Work had raised my hours since the receptionist is studying to become licensed in insurance sales. She's doing most of her studying at home now, so I'm back to about 25 hours a week. I was up to 32 hours when I came in early to cover reception for her as she studied in the mornings. I've got insurance now, at whatever hours I work -- they got me covered, which is nice. Of course, I'm working not to need it. I've exercised 5 days in a row at the office gym and played in the water today. I'm trying to get to the point where I need no medicines for anything at all. I have a general practitioner who referred me to a diabetes class -- I only have insulin resistance, not diabetes. It's a precursor, though, and not good. I can't take the class right now, though, be cause insurance doesn't cover it. Even though I've got insurance now. Gahh. Oh, well. I was hoping to get more info and take a cooking class. I really need structure. I know this about myself. If I took one or two classes -- or was shown, formally, a few times by a friend -- how to cook, I would have more confidence trying to cook on my own. I guess I just have to start on my own.

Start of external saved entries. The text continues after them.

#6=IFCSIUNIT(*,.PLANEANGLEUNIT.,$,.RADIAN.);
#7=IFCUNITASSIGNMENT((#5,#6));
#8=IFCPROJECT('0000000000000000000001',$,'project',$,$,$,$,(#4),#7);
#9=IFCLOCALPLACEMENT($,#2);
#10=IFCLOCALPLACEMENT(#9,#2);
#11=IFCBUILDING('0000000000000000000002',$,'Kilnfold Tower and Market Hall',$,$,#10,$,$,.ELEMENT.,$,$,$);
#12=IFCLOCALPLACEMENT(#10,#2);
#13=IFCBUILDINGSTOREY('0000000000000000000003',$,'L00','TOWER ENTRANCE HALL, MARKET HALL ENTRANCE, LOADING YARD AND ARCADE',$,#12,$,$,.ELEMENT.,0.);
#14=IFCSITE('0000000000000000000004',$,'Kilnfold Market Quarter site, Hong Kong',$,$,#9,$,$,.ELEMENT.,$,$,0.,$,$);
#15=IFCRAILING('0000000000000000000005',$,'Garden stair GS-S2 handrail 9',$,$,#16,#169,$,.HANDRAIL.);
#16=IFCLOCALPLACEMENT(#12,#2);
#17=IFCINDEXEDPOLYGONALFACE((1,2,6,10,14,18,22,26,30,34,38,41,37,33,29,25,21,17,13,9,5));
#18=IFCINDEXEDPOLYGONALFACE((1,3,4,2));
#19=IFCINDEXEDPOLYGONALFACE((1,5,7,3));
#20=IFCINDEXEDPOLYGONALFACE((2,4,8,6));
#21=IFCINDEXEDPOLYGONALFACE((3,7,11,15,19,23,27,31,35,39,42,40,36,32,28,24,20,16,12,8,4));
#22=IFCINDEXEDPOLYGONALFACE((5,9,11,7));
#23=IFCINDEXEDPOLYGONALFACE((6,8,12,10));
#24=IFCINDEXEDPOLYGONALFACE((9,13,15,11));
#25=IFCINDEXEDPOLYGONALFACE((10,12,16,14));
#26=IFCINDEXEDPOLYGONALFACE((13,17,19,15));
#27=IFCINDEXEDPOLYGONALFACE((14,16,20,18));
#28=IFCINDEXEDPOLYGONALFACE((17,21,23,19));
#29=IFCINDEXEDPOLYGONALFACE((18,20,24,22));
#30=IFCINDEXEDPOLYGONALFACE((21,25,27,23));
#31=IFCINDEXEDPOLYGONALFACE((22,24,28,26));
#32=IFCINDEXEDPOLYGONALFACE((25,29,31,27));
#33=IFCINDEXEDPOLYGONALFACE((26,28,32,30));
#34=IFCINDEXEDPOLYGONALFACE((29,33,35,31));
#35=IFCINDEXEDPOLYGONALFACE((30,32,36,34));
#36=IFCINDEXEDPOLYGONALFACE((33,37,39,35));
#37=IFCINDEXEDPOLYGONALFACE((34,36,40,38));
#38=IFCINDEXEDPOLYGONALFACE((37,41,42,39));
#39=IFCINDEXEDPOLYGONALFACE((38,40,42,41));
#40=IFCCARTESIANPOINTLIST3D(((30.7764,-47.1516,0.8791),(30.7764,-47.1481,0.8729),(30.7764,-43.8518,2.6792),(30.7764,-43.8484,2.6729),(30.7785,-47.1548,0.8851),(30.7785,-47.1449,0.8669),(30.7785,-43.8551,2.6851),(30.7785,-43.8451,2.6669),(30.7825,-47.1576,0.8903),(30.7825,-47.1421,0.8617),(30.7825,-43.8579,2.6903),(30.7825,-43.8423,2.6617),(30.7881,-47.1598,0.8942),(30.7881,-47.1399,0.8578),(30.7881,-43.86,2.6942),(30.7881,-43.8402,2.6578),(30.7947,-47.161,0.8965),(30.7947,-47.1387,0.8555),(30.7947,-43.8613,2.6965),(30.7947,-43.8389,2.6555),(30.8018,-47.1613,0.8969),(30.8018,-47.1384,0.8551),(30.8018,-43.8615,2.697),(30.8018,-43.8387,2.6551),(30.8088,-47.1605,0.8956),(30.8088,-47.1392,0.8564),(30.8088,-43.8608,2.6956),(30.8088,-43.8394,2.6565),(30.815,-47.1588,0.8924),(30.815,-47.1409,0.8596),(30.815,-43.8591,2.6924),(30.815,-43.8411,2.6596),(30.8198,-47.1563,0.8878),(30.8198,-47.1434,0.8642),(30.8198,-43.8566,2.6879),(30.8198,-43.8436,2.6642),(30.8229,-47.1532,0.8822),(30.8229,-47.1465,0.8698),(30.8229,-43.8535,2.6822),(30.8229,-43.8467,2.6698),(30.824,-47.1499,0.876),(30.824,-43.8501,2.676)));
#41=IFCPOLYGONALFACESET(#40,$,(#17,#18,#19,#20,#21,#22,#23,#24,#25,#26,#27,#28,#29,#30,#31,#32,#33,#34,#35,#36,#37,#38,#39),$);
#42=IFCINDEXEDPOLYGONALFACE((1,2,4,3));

I've been busy, but lonely. Lots of meetings, attending the UU church. I'm hoping that I'm planting seeds for deeper friendships eventually. I'll keep you posted more regularly. And I'm working on getting caught up with all y'all. Thanks for the virtual gifts! I especially love the squirrely one, as I'm partial to squirrels. But they're all great. <3 Thanks!
Christchurch, on the South Island of New Zealand is where I hope to live. I hope to live there and teach and/or do some counseling during the school year and travel and visit family in the States for a month or two a year.
I'm a little tipsy. But I know what I'm thinking. I went dancing with jogamatic and busted_english. If it takes until I'm 80, I've advised them that I will hunt to the ends of the earth until I find a man or two with which I have the same chemistry and strength of marriage. They are solid and lovely. And they can both dance like the dickens.
Alright. Now that I've written that, it's off to bed. I'm gonna catch up on some much-needed sleep. 6-8 hours since Monday is not good. And I'm starting to get weird Bell's Palsy symptoms: strange tastes, numbness on one side of the face, etc. I'm hoping the sleep will make everything better. It's been a good weekend. Very restful and productive at the same time.